There's a confrontational element to doing punk rock. Was comedy like that for you as well?

I’d been onstage enough in my life where it did go well. I’d been enough bands and had people ask me for my autograph or sing along with my lyrics, but now, there would be 20 people in a room and I could just tell that they did not like me. They were really not into it. And they shouldn’t be. It was not good, but I just kept going back.

I said something about my family one night on stage and this comic said, "You should do more of that." That was like six years ago. I started going, "Okay, I’m going to write about how my whole life I fought authority and now I’m the authority and I’m not good at it" and how I live in a household with two teenagers. It’s their first time being teenagers and it’s my wife and I’s first time having teenagers.

I yelled at my daughter recently and I was like, "Look, it’s my first time being a father of a teenager and it’s your first time being a teenager, so let’s just be cool with each other." She was like, "Who says that?" I said, "I don’t know, I’m just being honest, I don’t know if it’s okay for you to stay late with your friends or go to these places."

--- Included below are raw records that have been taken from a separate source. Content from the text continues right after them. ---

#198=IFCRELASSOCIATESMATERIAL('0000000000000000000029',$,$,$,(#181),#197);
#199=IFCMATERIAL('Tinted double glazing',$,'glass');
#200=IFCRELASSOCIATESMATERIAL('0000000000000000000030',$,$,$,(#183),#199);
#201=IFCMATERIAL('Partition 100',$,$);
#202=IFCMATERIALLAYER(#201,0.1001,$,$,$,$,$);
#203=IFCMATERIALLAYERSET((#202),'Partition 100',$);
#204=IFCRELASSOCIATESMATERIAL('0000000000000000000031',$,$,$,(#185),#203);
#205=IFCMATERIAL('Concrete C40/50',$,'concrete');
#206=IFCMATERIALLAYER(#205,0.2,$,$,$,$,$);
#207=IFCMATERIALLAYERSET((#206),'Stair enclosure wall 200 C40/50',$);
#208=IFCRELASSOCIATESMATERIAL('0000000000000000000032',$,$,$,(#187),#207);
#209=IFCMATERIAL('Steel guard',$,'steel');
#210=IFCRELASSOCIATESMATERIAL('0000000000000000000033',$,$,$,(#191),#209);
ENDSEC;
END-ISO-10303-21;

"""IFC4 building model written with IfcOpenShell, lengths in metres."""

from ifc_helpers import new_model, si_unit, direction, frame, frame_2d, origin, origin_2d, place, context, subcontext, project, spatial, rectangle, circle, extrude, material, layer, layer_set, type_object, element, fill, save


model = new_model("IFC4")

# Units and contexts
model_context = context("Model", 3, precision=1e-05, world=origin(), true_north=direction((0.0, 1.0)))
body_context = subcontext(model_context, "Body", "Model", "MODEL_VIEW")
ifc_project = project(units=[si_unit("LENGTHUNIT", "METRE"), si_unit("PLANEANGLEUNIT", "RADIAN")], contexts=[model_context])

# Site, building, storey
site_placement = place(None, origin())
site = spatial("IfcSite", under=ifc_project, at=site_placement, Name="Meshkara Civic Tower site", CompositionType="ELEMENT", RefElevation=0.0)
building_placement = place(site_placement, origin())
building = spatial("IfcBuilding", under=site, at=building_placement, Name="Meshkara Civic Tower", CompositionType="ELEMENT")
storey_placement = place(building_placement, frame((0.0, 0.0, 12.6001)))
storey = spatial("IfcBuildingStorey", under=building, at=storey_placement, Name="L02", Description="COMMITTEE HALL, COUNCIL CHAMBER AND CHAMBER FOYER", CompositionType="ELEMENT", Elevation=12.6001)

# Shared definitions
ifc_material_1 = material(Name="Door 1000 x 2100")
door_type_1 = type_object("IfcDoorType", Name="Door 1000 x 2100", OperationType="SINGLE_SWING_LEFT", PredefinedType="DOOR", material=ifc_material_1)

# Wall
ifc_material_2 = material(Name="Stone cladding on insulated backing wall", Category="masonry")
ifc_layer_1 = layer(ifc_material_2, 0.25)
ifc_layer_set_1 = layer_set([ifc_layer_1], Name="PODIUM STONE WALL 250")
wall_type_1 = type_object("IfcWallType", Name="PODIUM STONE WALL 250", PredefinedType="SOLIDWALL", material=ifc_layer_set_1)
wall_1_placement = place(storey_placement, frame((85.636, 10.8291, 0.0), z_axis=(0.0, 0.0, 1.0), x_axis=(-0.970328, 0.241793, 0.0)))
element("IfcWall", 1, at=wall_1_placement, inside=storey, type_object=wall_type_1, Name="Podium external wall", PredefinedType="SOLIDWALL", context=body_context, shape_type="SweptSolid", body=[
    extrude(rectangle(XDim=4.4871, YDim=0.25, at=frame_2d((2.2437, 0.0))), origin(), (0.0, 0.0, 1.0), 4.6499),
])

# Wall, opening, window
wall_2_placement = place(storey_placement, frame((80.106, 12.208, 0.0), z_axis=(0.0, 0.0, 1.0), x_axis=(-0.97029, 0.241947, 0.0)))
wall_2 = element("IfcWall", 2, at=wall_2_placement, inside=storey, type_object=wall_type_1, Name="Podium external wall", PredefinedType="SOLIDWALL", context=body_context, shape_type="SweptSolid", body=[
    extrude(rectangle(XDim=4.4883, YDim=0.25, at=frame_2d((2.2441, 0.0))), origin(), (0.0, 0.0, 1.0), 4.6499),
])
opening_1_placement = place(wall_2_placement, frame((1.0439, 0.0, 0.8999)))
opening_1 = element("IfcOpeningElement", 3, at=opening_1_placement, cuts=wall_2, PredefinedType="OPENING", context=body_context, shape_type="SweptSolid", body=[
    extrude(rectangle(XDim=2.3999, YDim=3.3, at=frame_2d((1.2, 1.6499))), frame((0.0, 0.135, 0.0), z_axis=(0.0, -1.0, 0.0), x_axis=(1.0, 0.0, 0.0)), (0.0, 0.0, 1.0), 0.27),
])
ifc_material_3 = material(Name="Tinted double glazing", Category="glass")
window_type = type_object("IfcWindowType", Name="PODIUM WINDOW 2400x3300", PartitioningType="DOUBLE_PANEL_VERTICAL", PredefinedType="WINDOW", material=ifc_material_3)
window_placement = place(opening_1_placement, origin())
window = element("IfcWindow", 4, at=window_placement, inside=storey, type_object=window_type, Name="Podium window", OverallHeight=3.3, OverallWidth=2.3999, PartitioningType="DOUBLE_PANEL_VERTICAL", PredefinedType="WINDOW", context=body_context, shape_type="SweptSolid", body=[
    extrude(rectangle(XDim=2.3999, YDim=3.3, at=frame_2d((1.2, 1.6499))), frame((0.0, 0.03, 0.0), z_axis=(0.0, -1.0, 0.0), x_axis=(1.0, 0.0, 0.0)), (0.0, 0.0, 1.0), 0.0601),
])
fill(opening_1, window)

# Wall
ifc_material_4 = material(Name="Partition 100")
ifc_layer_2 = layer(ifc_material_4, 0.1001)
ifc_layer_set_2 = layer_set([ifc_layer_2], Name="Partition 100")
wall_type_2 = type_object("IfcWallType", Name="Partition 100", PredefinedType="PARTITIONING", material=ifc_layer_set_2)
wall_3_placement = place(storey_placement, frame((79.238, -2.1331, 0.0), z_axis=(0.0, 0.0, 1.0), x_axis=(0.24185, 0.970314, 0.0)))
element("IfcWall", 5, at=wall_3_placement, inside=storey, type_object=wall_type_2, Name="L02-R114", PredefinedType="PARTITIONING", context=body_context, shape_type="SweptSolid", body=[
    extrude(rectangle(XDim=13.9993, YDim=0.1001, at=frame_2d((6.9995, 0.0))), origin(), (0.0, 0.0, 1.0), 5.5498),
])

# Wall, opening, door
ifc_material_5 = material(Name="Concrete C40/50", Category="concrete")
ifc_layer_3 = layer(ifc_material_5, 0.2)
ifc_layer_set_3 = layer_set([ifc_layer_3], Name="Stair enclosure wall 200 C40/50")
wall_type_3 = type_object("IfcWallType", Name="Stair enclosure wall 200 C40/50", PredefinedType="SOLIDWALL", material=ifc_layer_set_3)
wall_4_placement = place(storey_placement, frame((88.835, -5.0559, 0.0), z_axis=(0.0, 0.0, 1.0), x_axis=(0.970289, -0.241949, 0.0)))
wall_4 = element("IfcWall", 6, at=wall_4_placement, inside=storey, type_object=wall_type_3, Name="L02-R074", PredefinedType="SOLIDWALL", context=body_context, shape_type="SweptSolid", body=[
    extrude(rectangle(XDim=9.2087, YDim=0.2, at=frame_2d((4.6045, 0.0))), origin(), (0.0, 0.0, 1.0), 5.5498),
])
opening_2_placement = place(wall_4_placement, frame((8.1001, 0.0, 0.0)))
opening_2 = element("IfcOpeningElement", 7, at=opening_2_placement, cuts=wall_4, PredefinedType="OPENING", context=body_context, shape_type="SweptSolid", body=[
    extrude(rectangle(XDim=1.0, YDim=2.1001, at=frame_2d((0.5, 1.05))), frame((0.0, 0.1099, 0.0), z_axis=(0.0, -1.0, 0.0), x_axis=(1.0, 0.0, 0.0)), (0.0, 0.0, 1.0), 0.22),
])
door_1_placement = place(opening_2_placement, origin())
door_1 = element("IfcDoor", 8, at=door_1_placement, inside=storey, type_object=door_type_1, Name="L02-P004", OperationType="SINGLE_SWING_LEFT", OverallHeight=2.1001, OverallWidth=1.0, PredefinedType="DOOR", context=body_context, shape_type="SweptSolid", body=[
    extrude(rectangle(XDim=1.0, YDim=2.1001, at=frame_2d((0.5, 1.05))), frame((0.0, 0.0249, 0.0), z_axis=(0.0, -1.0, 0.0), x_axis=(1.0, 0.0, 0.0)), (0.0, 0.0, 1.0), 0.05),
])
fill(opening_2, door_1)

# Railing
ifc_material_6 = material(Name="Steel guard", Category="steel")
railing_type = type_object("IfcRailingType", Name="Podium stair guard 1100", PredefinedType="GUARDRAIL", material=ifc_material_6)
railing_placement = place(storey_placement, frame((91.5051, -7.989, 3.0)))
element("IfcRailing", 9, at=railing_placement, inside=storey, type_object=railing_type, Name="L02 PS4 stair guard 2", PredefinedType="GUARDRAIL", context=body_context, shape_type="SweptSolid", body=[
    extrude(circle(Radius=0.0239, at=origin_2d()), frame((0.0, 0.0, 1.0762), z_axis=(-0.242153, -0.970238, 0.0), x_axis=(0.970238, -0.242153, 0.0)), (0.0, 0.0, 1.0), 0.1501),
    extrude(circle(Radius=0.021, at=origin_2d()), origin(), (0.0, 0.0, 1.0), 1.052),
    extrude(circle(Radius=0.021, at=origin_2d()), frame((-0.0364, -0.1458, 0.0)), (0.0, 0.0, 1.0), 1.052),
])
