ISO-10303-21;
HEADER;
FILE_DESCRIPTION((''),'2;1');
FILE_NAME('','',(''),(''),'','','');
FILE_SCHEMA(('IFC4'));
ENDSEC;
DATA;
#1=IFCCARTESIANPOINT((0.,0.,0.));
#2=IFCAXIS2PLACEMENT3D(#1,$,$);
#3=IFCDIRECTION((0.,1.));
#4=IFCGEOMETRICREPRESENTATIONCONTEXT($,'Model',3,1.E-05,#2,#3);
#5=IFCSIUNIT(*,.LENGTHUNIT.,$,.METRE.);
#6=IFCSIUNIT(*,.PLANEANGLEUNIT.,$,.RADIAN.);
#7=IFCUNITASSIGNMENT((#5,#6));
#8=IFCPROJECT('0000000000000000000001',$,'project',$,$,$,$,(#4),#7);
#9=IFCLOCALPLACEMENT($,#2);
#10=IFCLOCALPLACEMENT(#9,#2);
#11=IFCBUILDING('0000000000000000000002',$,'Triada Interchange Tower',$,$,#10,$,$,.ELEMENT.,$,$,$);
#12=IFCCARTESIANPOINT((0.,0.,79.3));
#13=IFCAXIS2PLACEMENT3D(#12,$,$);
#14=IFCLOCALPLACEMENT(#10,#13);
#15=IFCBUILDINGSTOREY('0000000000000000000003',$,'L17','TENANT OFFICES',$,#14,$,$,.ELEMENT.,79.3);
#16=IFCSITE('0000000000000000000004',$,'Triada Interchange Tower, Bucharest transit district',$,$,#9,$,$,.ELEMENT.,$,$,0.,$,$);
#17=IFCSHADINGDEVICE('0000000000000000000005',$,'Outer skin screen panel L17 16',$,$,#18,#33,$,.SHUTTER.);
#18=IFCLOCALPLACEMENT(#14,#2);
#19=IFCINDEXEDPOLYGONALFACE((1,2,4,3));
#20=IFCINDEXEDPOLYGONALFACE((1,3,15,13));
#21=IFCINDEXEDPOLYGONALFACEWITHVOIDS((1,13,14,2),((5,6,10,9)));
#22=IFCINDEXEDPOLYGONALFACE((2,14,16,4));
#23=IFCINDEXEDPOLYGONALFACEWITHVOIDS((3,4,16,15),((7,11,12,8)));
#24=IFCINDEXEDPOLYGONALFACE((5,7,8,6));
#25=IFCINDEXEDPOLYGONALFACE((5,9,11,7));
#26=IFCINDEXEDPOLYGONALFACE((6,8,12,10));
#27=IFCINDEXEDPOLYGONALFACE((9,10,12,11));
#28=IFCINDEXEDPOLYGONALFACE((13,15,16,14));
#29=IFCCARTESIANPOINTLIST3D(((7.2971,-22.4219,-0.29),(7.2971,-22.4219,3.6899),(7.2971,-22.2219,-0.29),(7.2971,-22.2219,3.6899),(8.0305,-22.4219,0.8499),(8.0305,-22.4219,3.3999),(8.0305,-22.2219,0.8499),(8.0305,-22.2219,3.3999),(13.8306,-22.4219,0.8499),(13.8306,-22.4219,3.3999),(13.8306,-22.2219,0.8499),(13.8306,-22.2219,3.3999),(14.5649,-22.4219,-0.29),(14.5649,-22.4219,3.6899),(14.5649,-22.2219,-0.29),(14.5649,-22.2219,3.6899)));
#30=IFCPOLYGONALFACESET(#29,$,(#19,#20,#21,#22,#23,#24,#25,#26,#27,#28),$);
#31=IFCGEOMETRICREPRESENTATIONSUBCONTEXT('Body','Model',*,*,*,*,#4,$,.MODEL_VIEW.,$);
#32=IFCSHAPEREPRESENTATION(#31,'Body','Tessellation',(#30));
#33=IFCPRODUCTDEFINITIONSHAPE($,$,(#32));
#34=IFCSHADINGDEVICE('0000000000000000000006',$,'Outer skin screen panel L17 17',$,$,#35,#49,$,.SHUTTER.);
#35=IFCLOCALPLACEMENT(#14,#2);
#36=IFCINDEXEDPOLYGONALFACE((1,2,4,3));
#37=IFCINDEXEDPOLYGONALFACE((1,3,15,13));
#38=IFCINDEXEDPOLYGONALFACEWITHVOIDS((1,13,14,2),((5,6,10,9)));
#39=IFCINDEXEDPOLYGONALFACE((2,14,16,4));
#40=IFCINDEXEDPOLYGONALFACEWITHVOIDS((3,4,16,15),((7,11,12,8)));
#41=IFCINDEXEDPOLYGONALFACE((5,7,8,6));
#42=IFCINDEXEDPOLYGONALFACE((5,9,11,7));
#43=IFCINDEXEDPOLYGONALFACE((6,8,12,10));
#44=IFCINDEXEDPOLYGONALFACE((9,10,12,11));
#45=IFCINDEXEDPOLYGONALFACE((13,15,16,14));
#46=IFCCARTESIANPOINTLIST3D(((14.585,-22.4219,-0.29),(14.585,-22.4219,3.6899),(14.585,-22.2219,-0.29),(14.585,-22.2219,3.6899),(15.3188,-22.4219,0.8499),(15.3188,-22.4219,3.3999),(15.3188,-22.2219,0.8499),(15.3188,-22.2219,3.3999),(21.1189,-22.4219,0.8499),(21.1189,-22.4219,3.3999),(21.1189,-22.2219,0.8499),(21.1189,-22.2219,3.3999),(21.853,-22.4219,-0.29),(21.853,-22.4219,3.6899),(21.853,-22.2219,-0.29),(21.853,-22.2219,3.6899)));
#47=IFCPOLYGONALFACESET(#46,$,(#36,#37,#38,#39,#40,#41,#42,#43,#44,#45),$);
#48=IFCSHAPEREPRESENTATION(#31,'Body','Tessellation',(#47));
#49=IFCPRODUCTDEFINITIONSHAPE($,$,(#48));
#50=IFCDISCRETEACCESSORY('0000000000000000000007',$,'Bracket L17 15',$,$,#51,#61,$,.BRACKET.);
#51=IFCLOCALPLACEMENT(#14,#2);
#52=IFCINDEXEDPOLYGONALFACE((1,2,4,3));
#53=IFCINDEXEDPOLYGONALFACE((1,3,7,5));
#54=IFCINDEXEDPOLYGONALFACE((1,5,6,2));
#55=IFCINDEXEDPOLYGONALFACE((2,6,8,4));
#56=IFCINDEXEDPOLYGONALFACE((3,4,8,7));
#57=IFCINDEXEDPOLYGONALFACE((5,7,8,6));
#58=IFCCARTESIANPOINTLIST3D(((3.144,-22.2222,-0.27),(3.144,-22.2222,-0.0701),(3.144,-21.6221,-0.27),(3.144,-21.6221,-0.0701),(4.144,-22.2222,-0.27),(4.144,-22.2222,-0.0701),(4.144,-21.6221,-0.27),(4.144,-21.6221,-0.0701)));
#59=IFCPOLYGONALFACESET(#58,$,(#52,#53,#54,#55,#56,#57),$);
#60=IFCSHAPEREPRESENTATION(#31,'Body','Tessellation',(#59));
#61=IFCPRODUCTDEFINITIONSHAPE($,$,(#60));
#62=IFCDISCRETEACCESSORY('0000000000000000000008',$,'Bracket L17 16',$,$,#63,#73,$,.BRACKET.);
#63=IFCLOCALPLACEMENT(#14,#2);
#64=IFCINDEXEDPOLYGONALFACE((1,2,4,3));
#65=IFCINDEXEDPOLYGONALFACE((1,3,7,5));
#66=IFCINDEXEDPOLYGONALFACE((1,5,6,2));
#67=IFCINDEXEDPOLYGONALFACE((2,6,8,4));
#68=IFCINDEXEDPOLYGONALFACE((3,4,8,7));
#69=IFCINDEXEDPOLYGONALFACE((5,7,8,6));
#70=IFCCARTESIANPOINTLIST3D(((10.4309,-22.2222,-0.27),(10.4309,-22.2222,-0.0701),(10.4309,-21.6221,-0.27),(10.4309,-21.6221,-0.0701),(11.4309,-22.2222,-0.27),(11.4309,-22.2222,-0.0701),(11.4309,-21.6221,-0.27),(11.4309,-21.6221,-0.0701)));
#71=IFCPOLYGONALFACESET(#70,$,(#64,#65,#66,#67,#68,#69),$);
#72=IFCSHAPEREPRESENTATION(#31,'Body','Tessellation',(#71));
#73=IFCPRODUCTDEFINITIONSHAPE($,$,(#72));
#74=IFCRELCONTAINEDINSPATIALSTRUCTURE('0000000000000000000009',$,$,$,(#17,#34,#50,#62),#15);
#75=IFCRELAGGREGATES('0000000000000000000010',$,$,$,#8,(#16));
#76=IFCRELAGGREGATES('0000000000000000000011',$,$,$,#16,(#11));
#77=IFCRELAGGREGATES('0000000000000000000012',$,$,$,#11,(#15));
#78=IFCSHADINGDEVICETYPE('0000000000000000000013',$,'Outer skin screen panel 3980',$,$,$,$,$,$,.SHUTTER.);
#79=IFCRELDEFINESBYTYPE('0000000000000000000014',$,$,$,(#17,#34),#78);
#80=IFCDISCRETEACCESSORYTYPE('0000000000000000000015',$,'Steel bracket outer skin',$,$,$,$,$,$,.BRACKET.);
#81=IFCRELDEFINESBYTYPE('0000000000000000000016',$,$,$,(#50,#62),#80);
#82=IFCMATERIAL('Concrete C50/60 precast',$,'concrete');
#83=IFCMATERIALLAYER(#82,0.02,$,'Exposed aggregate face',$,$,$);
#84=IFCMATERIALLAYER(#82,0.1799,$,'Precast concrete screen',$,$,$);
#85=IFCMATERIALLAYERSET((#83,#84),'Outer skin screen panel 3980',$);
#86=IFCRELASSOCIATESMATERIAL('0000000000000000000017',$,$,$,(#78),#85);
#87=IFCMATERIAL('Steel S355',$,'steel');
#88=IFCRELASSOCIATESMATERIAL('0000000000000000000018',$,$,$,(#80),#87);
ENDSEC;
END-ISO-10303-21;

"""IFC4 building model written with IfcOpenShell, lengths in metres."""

from ifc_helpers import new_model, si_unit, direction, frame, origin, origin_2d, place, context, subcontext, project, spatial, polyline, rectangle, outline, extrude, material, layer, layer_set, type_object, element, save


model = new_model("IFC4")

# Units and contexts
model_context = context("Model", 3, precision=1e-05, world=origin(), true_north=direction((0.0, 1.0)))
body_context = subcontext(model_context, "Body", "Model", "MODEL_VIEW")
ifc_project = project(units=[si_unit("LENGTHUNIT", "METRE"), si_unit("PLANEANGLEUNIT", "RADIAN")], contexts=[model_context])

# Site, building, storey
site_placement = place(None, origin())
site = spatial("IfcSite", under=ifc_project, at=site_placement, Name="Triada Interchange Tower, Bucharest transit district", CompositionType="ELEMENT", RefElevation=0.0)
building_placement = place(site_placement, origin())
building = spatial("IfcBuilding", under=site, at=building_placement, Name="Triada Interchange Tower", CompositionType="ELEMENT")
storey_placement = place(building_placement, frame((0.0, 0.0, 79.3)))
storey = spatial("IfcBuildingStorey", under=building, at=storey_placement, Name="L17", Description="TENANT OFFICES", CompositionType="ELEMENT", Elevation=79.3)

# Shading devices
ifc_material_1 = material(Name="Concrete C50/60 precast", Category="concrete")
ifc_layer_1 = layer(ifc_material_1, 0.02, Name="Exposed aggregate face")
ifc_layer_2 = layer(ifc_material_1, 0.1799, Name="Precast concrete screen")
ifc_layer_set_1 = layer_set([ifc_layer_1, ifc_layer_2], Name="Outer skin screen panel 3980")
shading_device_type = type_object("IfcShadingDeviceType", Name="Outer skin screen panel 3980", PredefinedType="SHUTTER", material=ifc_layer_set_1)
shading_device_1_placement = place(storey_placement, frame((7.2971, -22.2219, -0.29), z_axis=(0.0, 0.0, 1.0), x_axis=(1.0, 0.0, 0.0)))
element("IfcShadingDevice", 1, at=shading_device_1_placement, inside=storey, type_object=shading_device_type, Name="Outer skin screen panel L17 16", PredefinedType="SHUTTER", context=body_context, shape_type="SweptSolid", body=[
    extrude(outline(polyline([(0.0, 0.0), (7.2678, 0.0), (7.2678, 3.98), (0.0, 3.98), (0.0, 0.0)]), holes=[polyline([(0.7334, 1.1399), (0.7334, 3.6899), (6.5334, 3.6899), (6.5334, 1.1399), (0.7334, 1.1399)])]), frame((0.0, 0.0, 0.0), z_axis=(0.0, -1.0, 0.0), x_axis=(1.0, 0.0, 0.0)), (0.0, 0.0, 1.0), 0.2),
])
shading_device_2_placement = place(storey_placement, frame((14.585, -22.2219, -0.29), z_axis=(0.0, 0.0, 1.0), x_axis=(1.0, 0.0, 0.0)))
element("IfcShadingDevice", 2, at=shading_device_2_placement, inside=storey, type_object=shading_device_type, Name="Outer skin screen panel L17 17", PredefinedType="SHUTTER", context=body_context, shape_type="SweptSolid", body=[
    extrude(outline(polyline([(0.0, 0.0), (7.2681, 0.0), (7.2681, 3.98), (0.0, 3.98), (0.0, 0.0)]), holes=[polyline([(0.7339, 1.1399), (0.7339, 3.6899), (6.5339, 3.6899), (6.5339, 1.1399), (0.7339, 1.1399)])]), frame((0.0, 0.0, 0.0), z_axis=(0.0, -1.0, 0.0), x_axis=(1.0, 0.0, 0.0)), (0.0, 0.0, 1.0), 0.2),
])

# Discrete accessories
ifc_material_2 = material(Name="Steel S355", Category="steel")
discrete_accessory_type = type_object("IfcDiscreteAccessoryType", Name="Steel bracket outer skin", PredefinedType="BRACKET", material=ifc_material_2)
for number, where, z_axis, x_axis, name in (
    (3, (3.644, -21.9221, -0.27), (0.0, 0.0, 1.0), (0.0, -1.0, 0.0), "Bracket L17 15"),
    (4, (10.9309, -21.9221, -0.27), (0.0, 0.0, 1.0), (0.0, -1.0, 0.0), "Bracket L17 16"),
):
    element("IfcDiscreteAccessory", number, at=place(storey_placement, frame(where, z_axis=z_axis, x_axis=x_axis)), inside=storey, type_object=discrete_accessory_type, Name=name, PredefinedType="BRACKET", context=body_context, shape_type="SweptSolid", body=[
        extrude(rectangle(XDim=0.6001, YDim=1.0, at=origin_2d()), origin(), (0.0, 0.0, 1.0), 0.2),
    ])

save(model, "model.ifc")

Right now, that’s really provided all of my material. It really connects with people.

That's rad. 

I know, right? I’m 49. I’m on my way to 50. I joke around. I can’t believe I’m going to be 50, but I’m cool with it. I’m "taking" 50, not "turning" 50. I thought I was a done deal. I love everything about show business. I love ironing my shirt before I go on stage and I wear a t-shirt. Who irons a t-shirt? It’s something new. I’m using a new muscle. I’m not just singing some songs. I’m meeting new people and I love it. It’s a whole new world. I love being a part of it and exploring it.

To experience something new at this age — I think it’s what keeps you young.

Comedy, though — it takes some commitment, right?

When I went into this, I thought, "If I do this, I want it to be good." For the past six years, it’s been a passion of mine. Every single week for six years. You have to do it like that. You can’t phone it in. I have to get up [on stage]once or twice a week. For a lot of comics, they are getting up there two or three times a night. I have a family and I want them to recognize me.